Hitaj, who has a doctorate, declined to relocate. She landed a position with the Luxembourg Institute of Science and Technology doing similar studies on agriculture and the environment. Her husband was able to find work overseas, which was a major consideration.
"For me, I knew I couldn't make it work," Hitaj says of the option to move to Missouri. "It was a very stressful situation."
The USDA's decision to uproot parts of the ERS and the National Institute of Food and Agriculture was pitched as a way to get researchers closer to farmers. But even with the hiring of some replacement staffers, the two divisions shed a combined 152 jobs between September 2018 and September 2020, according to U.S. Office of Personnel Management (OPM) statistics.
"What a wonderful way to streamline government and do what we haven't been able to do for a long time," said Mick Mulvaney, acting chief of staff to then-President Donald Trump, in August 2019.
Intended or not, the reduction was just one example of what some saw as the mistreatment of public servants under Trump, who promised during his campaign to reduce the size of the federal government. His single term featured two government shutdowns, personnel cutbacks in many departments, retribution against whistleblowers and numerous executive orders targeting federal employees. Morale in 2019 was down from the previous year in 10 of 17 federal agencies, a recent survey shows.
Some think the Trump administration will be remembered as the nadir of the merit-based civil service.
"It becomes the lowest conceivable bar that all administrations could be judged against," says Allan Rosenbaum, president-elect of the American Society for Public Administration and a professor of public policy and administration at Florida International University.
Operational snags do more than frustrate public employees who are trying to do their jobs. Companies and institutions in the private sector rely on the federal government for a variety of functions, such as producing data and making regulatory decisions that can, in turn, influence decision-making in private-sector organizations.
"The regulatory environment takes forever," says G. Edward DeSeve, a former special advisor to President Barack Obama and coordinator of the Agile Government Center at the National Academy of Public Administration (NAPA). "If you don't have enough people to answer the mail, to answer questions about what's going on, to register documents, etc., it just creates enormous roadblocks for people."
Loss of Experience
As during previous administrations, the largest employee reductions during Trump's presidency occurred in federal agencies and offices that didn't align with the administration's priorities.
Suffering the biggest percentage loss was the U.S. Department of Labor. Its headcount dropped more than 11 percent—to 13,976 from 15,766 employees—between September 2016 and September 2020, according to OPM. The State Department, a slightly smaller agency with responsibilities on the world stage, experienced a staffing drop of almost 9 percent over the same period, to 11,968 from 13,126 employees. The Interior and Education departments each had staffing decreases of at least 7 percent, while the Environmental Protection Agency's headcount dropped 4.5 percent.
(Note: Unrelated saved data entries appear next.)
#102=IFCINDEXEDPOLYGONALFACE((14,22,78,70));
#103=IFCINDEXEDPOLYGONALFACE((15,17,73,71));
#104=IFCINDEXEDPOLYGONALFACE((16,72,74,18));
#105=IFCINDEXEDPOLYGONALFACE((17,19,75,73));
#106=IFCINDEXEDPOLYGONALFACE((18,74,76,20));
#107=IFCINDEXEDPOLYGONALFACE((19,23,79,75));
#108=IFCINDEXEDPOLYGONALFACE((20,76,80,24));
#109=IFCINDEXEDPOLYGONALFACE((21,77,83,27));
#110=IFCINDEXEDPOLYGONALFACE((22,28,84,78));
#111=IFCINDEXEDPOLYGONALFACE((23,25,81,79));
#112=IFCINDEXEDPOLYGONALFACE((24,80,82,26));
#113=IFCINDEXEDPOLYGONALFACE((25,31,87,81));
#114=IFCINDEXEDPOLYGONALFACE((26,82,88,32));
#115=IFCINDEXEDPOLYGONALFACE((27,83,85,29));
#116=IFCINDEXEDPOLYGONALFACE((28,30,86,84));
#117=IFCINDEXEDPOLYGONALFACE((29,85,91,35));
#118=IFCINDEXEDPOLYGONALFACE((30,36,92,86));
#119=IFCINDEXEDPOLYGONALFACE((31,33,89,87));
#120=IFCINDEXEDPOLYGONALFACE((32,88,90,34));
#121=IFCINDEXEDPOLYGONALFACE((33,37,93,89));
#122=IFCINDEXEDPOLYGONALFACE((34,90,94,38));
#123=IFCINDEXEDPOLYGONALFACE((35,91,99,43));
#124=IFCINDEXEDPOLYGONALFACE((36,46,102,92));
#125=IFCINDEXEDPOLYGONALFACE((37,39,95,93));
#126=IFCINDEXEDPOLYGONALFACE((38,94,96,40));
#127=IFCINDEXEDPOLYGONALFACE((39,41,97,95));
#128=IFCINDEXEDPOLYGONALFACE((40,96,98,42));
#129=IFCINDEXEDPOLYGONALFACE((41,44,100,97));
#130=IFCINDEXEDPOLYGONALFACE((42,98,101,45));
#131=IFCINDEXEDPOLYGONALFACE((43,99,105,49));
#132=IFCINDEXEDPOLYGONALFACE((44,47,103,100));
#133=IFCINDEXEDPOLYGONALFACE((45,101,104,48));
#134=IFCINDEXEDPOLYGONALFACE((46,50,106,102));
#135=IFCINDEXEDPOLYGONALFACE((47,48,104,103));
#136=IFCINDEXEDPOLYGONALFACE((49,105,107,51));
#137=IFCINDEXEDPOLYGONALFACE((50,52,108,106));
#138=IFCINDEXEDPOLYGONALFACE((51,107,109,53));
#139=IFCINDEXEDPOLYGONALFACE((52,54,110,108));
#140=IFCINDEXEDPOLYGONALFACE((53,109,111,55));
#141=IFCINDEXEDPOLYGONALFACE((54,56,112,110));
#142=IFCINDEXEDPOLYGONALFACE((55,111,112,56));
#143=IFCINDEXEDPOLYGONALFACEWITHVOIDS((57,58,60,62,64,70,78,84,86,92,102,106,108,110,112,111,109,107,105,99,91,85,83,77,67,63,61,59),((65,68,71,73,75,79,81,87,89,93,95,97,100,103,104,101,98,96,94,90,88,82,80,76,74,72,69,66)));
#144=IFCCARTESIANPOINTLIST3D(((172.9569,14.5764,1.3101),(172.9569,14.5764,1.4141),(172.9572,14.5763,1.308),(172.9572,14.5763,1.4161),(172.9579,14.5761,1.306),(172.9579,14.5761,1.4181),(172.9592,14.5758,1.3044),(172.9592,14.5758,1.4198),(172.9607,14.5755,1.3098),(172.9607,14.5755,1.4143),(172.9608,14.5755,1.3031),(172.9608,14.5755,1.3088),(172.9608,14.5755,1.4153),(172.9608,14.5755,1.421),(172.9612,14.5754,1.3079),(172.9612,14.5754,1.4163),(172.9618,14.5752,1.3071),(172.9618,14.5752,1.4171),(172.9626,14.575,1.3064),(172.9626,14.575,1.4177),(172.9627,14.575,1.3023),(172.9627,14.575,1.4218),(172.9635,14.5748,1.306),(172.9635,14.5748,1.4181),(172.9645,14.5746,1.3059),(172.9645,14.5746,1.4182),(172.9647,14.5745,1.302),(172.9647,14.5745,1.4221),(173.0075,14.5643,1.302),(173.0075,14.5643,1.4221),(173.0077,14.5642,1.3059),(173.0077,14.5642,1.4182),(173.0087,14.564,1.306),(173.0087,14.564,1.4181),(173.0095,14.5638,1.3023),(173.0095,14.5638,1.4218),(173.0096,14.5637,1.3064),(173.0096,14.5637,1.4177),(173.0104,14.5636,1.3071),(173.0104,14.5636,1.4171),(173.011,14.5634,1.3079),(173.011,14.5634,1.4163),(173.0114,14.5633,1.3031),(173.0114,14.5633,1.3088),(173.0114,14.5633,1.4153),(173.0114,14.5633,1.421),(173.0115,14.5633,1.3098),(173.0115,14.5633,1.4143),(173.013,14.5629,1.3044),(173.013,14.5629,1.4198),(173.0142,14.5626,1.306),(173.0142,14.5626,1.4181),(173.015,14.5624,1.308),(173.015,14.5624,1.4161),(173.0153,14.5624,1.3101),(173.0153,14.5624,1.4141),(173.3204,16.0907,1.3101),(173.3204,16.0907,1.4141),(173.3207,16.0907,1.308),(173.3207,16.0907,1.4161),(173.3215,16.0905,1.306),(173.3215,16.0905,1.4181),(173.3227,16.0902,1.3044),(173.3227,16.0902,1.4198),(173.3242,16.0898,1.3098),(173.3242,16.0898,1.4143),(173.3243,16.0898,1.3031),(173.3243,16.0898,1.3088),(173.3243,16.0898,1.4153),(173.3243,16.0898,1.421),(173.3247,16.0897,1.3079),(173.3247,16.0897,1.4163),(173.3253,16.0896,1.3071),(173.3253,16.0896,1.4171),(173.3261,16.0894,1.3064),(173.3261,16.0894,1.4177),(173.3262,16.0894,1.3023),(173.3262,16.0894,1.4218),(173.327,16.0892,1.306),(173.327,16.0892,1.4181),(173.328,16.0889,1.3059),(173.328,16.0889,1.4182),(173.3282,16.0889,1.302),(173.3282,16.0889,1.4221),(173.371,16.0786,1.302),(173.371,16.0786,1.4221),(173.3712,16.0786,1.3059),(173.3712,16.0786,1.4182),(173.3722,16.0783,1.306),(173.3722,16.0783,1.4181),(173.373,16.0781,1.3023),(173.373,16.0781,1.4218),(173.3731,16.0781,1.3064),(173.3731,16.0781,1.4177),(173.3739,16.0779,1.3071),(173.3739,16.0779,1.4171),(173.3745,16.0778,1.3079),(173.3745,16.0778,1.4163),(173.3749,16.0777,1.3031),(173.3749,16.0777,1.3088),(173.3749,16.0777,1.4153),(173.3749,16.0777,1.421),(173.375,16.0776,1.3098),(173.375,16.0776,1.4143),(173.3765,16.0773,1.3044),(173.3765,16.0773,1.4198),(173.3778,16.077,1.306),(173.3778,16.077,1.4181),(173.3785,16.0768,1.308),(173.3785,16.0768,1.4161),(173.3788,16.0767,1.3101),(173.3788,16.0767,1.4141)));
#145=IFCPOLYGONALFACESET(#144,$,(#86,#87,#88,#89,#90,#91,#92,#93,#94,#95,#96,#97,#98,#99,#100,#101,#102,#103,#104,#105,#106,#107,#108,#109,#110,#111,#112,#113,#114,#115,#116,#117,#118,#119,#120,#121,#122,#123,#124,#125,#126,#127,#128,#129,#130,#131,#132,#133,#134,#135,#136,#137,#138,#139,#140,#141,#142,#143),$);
The USDA, parent agency of the two displaced agriculture research offices, lost 5 percent of its staff.
"Of course, the agency is not going to be functioning at its most productive," says Laura Dodson, a Washington-based ERS researcher and acting vice president of the American Federation of Government Employees Local 3403. "This is an extremely messy situation that's going to require some creative solutions."
Meanwhile, the overall headcount at Cabinet-level departments grew by 87,769 employees during Trump's administration, almost a 5 percent increase, as Trump officials prioritized other areas of government. Big winners were the departments of Veterans Affairs and Homeland Security, which each saw double-digit percentage increases, and the Defense Department, which grew 2.5 percent over the four-year period, OPM said.
But the job gains did nothing to fix what many consider to be structural problems that predate Trump. The federal government has long had a reputation of being a rigid and sometimes unrewarding workplace, despite offering such employee perks as pensions, job protections and, more recently, paid family leave, which was enacted under Trump.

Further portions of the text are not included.